Renk Aktie: 582 Millionen Auftragseingang in Q1

Renk präsentiert sich auf der Eurosatory mit vollen Auftragsbüchern. Der Aktienkurs legt zu, während das Unternehmen seine Jahresziele bestätigt.

Die Kernpunkte:
  • Kursplus von 3,66 Prozent
  • Auftragsbestand bei 6,9 Milliarden Euro
  • Fahrzeugsparte als Wachstumstreiber
  • Umsatzziel von 1,5 Milliarden Euro

Auf der Rüstungsmesse Eurosatory in Paris sucht Renk aktuell den direkten Draht zum Kapitalmarkt. Investoren reagieren positiv auf die laufenden Gespräche. Die Aktie klettert am Mittwoch um 3,66 Prozent auf 46,88 Euro. Ein willkommener Impuls nach den Verlusten der Vorwochen.

Volle Auftragsbücher als Argument

Das Management hat starke Zahlen im Gepäck. Im ersten Quartal 2026 verbuchte der Antriebsspezialist einen Auftragseingang von 582 Millionen Euro. Das entspricht einem soliden Zuwachs gegenüber dem Vorjahr.

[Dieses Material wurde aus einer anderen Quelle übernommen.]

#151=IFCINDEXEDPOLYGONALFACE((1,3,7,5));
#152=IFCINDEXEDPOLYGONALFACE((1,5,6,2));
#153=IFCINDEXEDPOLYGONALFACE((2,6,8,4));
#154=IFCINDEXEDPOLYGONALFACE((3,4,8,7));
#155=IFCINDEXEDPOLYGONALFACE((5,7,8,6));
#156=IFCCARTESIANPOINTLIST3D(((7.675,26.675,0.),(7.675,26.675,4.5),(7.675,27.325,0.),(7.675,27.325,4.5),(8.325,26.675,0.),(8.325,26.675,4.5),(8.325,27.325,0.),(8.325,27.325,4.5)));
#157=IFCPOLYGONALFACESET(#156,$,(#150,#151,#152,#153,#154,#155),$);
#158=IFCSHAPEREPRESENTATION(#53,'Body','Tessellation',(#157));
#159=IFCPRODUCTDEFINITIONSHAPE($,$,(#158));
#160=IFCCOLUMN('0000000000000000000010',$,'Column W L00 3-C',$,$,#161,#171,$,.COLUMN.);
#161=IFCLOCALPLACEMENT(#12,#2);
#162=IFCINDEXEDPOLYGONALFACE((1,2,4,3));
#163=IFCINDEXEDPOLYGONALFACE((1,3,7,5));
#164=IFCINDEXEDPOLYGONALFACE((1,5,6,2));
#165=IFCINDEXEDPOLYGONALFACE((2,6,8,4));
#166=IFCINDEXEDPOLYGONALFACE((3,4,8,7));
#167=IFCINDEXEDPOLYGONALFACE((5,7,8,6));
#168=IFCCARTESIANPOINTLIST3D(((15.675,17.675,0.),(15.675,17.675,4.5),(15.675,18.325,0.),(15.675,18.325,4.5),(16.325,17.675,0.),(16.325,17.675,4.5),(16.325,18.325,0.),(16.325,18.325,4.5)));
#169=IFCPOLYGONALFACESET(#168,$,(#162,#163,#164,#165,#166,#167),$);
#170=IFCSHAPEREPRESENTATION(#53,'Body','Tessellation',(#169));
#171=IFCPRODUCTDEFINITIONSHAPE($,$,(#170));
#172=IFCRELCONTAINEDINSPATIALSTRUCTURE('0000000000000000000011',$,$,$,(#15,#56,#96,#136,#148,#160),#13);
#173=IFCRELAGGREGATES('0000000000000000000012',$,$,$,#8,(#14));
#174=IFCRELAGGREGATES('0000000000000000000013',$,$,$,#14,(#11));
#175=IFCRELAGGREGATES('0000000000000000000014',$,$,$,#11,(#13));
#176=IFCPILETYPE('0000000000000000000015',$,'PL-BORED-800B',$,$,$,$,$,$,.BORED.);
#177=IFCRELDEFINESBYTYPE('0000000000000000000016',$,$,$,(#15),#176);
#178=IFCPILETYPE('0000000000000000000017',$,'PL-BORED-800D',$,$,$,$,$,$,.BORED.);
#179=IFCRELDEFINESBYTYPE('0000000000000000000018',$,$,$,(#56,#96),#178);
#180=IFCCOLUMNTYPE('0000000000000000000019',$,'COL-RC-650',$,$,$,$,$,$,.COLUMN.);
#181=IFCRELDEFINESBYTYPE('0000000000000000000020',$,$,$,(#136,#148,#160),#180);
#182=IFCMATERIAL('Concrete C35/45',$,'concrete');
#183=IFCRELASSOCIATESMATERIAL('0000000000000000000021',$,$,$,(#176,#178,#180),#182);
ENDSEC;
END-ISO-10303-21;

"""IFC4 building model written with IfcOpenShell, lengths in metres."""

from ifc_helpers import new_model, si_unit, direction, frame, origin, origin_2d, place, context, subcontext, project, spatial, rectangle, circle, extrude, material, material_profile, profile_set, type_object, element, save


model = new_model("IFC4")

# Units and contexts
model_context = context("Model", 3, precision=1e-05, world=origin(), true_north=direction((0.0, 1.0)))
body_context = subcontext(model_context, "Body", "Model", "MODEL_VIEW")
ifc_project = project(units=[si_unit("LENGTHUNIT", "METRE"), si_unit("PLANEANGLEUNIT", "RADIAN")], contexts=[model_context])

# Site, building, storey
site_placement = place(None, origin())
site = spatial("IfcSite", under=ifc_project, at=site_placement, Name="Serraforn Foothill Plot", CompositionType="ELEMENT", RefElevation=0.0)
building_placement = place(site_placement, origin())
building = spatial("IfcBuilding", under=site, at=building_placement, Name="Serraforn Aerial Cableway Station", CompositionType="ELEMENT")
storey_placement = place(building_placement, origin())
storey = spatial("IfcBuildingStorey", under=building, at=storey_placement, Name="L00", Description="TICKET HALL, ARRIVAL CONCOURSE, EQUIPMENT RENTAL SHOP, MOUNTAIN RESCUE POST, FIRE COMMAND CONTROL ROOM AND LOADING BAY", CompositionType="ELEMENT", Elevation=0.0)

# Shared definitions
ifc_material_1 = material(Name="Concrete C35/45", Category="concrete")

Der gesamte Auftragsbestand türmt sich mittlerweile auf 6,9 Milliarden Euro. Davon entfallen 2,6 Milliarden Euro auf feste Bestellungen. Der Rest verteilt sich auf Rahmenverträge und weiche Zusagen.

Fahrzeuggeschäft liefert Wachstum

Ein Segment sticht dabei besonders heraus. Der Bereich Vehicle Mobility Solutions fungiert als klarer Wachstumsmotor. Hier sprang der Auftragseingang zuletzt um gut 20 Prozent an.

Der Umsatz dieser Sparte kletterte auf 191 Millionen Euro. Parallel dazu verbesserte das Unternehmen das operative Ergebnis auf 35 Millionen Euro. Renk profitiert hier von einer neuen modularen Produktion in Augsburg.

Blick auf die Prognose

Für das Gesamtjahr hält der Vorstand Kurs. Der angepeilte Umsatz liegt bei über 1,5 Milliarden Euro. Das operative Ergebnis soll laut Prognose bis zu 285 Millionen Euro erreichen.

Mehr als 90 Prozent des Umsatzziels sind bereits durch feste Aufträge abgesichert. Die operative Basis stimmt also.

An der Börse hat Renk dennoch Aufholbedarf. Seit Jahresbeginn steht ein Minus von rund 15 Prozent auf der Kurstafel. Der Abstand zum 200-Tage-Durchschnitt beträgt aktuell knapp 19 Prozent.

Der Auftritt in Paris markiert nur den Auftakt der aktuellen Charmeoffensive. Bereits am 22. Juni stellt sich Renk auf einer Konferenz in London den Fragen der Analysten. Zwei Tage später folgt ein Termin in Baden-Baden. Dort muss das Management beweisen, dass die vollen Auftragsbücher zeitnah in steigende Gewinne fließen.